Why Military Transition 1.0 Has Let Us All Down (Part 1 of a 3-Part Series)
May 31, 2022
- Since 1991, a group-focused transition assistance program (TAP) has dominated the landscape but with lackluster results because the individual is completely absent from the methodology. Here are a couple highlights of those lackluster results for transitioning military members within two years of separation or retirement:
- Employment: extended periods of unemployment, underemployment, poor retention, low starting salary
- Higher Education: poor academic persistence rates, 48% graduation rate
- Because the transitioning population is about 220,000 service members per year, it’s understandable that the government created a group-focused program. From their perspective, how on earth can they take into account every individual’s journey once they leave the military? It’s much easier to take individuals from the general U.S. population and turn into into soldiers, sailors, airmen, and marines than to do the opposite—return those deep-seated groups back into individuals. In addition, because the government has a fiduciary responsibility to provide “transition services” to all service members, they must literally cover EVERY transition scenario in their one-week training period.
- In its current format, TAP is supposed to begin no later than one year prior to transition (no later than two years for retirees) and begins with what they call Individualized Initial Counseling (IC) where “service members complete their personal self-assessment and begin the development of their Individual Transition Plan to identify their unique needs of the transition process and post-transition goals.”
- Following the IC, the member begins their pre-separation counseling, which follows this DD Form 2648 pre-counseling checklist. Simply peruse this checklist for a moment and you’ll get a firsthand look at what a group-focused program looks like.
- Another thing worth noticing on the checklist is the beginning of what we call the resource dump—a true hallmark of a Military Transition 1.0 program. And where you can view the links to resources on the checklist itself, the resource dump continues as each and every service member goes through the congressionally-mandated TAP Curriculum.
- Through this lens, it’s hard to look past the reality that this “training” is nothing more than them hosing you down with resources and hoping some of them stick.
- For those of you who have been through TAP, you know what this feels like. You sit intently through a week’s worth of classes covering everything under the sun for the 5% of information that’s germane to your individual situation.
- Here’s the problem with this approach—the lack of stickiness of the material they provide. To explain this, let’s venture into education principles for a moment to make the point that all learning is contextual. This means that in order for the subject matter to be processed by the student and used in the desired domain—in this case something as important as their life after the military—the individual receiving the information has to know how that information is used and where it fits into their own unique journey.
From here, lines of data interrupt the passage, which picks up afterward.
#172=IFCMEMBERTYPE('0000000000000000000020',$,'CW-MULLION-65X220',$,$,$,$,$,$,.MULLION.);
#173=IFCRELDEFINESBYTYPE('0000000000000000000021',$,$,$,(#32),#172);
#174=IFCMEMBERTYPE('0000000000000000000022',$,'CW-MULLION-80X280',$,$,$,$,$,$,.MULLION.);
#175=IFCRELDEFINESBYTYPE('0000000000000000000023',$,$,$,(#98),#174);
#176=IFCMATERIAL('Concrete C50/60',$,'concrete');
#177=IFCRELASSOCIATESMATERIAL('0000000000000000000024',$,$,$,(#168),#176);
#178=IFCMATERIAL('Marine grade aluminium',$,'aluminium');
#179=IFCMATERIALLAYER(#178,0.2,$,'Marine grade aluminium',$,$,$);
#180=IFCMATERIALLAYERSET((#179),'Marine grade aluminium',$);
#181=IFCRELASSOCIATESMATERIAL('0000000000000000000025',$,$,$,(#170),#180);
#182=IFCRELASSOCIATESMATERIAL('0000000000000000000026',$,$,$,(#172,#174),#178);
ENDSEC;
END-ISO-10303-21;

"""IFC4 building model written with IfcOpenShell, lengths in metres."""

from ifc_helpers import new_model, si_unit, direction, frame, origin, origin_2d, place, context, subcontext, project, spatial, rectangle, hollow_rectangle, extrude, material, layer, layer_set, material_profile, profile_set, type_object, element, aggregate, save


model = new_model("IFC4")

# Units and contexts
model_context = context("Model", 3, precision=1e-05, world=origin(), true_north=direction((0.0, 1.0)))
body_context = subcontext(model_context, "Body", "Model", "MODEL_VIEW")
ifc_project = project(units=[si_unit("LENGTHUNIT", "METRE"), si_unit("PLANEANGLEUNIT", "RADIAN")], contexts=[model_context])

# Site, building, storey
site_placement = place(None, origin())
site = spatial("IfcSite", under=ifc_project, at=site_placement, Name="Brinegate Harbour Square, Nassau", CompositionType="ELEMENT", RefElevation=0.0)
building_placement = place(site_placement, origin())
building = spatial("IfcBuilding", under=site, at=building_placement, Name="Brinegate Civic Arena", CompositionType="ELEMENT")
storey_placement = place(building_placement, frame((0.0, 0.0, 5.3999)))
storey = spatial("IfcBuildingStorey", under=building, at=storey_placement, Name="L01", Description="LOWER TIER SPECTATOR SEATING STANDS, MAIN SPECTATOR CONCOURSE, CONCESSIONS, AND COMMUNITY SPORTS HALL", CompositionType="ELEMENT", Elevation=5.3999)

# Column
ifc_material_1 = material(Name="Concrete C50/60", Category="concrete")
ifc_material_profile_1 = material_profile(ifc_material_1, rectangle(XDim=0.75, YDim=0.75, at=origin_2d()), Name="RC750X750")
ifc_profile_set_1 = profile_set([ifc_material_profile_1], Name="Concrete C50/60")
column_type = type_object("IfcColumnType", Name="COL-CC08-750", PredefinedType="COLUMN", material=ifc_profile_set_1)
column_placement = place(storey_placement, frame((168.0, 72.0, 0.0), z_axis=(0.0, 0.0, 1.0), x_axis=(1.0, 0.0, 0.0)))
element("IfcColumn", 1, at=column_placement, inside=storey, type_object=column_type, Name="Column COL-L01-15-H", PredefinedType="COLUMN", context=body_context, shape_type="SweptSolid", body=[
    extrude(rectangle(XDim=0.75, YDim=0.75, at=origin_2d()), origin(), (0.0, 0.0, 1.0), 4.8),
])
- Otherwise, without context, the individual will not know how to use those resources and, as the graphic shows, no matter how many resources are provided, they will never be enough. This results in the very undesirable lose-lose scenario.
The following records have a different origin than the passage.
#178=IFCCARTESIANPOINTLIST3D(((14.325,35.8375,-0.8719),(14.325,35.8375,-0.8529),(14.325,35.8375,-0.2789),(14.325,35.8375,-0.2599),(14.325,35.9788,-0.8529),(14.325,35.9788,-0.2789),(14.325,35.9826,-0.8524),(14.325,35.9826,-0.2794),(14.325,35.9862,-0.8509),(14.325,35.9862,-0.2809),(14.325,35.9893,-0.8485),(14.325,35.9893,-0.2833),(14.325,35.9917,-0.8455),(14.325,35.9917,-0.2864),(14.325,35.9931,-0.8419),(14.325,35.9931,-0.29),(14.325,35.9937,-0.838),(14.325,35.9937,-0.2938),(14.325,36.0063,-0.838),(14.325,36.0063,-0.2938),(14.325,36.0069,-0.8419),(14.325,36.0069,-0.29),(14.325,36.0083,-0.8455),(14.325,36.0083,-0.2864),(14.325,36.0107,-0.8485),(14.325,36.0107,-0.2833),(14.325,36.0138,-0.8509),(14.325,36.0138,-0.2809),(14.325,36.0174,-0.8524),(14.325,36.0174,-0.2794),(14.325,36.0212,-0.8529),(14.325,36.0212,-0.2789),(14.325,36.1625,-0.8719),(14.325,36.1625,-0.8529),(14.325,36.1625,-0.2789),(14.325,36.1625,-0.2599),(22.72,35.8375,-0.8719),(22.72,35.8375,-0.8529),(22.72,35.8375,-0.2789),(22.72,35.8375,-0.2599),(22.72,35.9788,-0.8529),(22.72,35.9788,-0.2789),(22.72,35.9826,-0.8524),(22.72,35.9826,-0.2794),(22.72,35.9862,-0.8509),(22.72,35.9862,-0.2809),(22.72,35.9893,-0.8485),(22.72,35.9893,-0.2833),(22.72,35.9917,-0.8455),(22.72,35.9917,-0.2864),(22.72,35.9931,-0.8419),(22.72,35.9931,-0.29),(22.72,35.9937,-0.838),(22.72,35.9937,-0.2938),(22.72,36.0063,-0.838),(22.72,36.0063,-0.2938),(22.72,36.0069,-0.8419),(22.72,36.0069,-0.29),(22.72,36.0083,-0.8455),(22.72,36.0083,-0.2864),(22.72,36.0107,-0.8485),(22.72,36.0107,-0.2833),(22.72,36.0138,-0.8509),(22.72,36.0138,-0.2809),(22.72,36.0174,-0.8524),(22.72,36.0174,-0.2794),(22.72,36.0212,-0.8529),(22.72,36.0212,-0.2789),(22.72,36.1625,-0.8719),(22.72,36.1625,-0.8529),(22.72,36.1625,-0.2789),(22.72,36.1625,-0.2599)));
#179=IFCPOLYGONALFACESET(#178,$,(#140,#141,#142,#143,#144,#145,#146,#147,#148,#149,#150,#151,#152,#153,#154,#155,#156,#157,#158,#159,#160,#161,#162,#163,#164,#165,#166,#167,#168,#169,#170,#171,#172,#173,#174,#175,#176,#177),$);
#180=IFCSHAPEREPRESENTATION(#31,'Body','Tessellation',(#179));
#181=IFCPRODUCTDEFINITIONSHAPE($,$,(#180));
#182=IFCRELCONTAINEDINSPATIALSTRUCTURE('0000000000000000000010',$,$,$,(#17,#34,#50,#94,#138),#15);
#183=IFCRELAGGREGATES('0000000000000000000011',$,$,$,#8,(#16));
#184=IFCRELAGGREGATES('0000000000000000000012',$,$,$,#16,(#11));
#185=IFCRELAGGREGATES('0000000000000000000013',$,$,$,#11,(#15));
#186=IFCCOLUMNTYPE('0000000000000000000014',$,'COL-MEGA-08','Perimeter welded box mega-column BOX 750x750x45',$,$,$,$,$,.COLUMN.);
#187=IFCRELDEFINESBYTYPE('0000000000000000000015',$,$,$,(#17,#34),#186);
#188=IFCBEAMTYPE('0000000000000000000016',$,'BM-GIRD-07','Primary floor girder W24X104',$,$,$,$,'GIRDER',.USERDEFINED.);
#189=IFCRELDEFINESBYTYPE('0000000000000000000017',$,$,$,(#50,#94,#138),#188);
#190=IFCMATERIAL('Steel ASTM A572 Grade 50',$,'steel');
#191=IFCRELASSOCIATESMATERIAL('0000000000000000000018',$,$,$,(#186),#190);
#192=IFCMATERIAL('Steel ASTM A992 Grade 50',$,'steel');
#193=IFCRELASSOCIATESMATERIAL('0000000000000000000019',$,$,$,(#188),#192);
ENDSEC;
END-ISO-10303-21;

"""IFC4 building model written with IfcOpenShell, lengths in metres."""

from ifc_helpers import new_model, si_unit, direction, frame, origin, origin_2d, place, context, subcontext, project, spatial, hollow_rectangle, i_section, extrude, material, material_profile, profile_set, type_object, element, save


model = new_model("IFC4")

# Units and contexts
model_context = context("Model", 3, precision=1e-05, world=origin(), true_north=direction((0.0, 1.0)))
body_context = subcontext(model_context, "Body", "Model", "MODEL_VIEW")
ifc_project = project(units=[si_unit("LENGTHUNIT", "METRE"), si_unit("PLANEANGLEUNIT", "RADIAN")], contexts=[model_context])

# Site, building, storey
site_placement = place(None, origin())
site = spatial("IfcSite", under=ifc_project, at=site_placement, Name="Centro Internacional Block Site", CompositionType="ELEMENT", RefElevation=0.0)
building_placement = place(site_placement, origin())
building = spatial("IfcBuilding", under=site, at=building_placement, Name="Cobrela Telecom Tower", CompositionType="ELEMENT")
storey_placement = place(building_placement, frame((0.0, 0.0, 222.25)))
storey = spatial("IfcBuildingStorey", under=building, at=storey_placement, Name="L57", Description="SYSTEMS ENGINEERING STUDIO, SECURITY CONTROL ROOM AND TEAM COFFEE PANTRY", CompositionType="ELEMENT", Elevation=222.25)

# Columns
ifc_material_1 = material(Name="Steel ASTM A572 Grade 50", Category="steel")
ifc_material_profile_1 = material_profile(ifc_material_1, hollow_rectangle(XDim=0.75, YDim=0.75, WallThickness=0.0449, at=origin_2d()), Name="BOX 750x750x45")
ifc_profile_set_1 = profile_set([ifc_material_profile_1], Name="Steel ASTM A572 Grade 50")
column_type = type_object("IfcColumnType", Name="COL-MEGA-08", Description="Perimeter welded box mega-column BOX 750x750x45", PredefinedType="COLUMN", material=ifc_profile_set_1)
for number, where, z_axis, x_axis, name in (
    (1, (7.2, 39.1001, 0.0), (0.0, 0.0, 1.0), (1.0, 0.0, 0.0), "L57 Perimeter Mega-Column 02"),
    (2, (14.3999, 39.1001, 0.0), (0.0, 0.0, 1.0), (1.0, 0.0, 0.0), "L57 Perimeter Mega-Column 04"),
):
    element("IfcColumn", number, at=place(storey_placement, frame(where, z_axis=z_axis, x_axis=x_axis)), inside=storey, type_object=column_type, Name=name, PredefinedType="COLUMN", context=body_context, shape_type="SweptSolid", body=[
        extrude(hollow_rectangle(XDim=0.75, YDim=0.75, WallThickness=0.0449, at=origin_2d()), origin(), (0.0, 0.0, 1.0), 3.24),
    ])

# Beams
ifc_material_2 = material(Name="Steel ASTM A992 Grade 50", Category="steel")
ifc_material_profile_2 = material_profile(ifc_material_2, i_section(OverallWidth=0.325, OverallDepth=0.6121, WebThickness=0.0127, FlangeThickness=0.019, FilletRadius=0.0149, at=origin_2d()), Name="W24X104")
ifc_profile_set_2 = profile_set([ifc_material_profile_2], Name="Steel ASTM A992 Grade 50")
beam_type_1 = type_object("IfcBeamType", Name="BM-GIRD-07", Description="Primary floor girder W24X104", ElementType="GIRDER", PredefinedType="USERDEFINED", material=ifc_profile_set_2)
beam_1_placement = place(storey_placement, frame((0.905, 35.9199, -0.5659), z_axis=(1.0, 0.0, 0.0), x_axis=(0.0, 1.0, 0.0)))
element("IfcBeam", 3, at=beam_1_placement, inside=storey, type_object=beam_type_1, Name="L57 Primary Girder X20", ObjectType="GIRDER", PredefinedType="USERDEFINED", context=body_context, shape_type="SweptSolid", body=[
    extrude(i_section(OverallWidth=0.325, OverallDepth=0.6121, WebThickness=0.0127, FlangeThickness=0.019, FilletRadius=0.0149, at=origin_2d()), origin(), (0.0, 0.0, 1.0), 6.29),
- From here, you can take a step back and see that this is the granny gear we’ve been stuck in for three decades when it comes to military transition.
- While TAP is less than effective (to be nice) or ineffectual (to be real), it’s actually worse because, despite its ineffectiveness, the program has essentially been institutionalized, which has created two problems.
- First, to use a 2008 financial crisis cliche, it’s too big to fail, which is to say that we should expect the same poor outcomes we’ve always gotten and continue to throw good money after bad.
- Second, exacerbating and reinforcing the ineffective system are secondary and tertiary markets that have developed using the same flawed methodology. These markets include innumerable nonprofits that provide transition services and recruiting firms who typically zero in on particular MOSs or AFSCs who they feel will deliver the largest return on their time investment.
- The unfortunate reality is that these secondary and tertiary markets are built upon a faulty Military Transition 1.0 foundation. If the system worked well, we should expect to see significant progress in the transition through the employment, higher education, and wellness aggregate numbers—but we don’t. As we briefly touched on earlier, we continue to see very lackluster performance for the first two years after leaving the military. Over a 30-year period, the numbers have stubbornly stayed the same and in some cases, have actually worsened.
- So, it should go without saying that Military Transition 1.0 is not working and needs to go for one simple reason: it hurts individual service members and their families, which will eventually hurt military recruiting in the years to come. After all, who would want to go into the military—or what parent would want their child to go into the military—knowing there’s a strong possibility he or she will come out of the military worse off than when they went in?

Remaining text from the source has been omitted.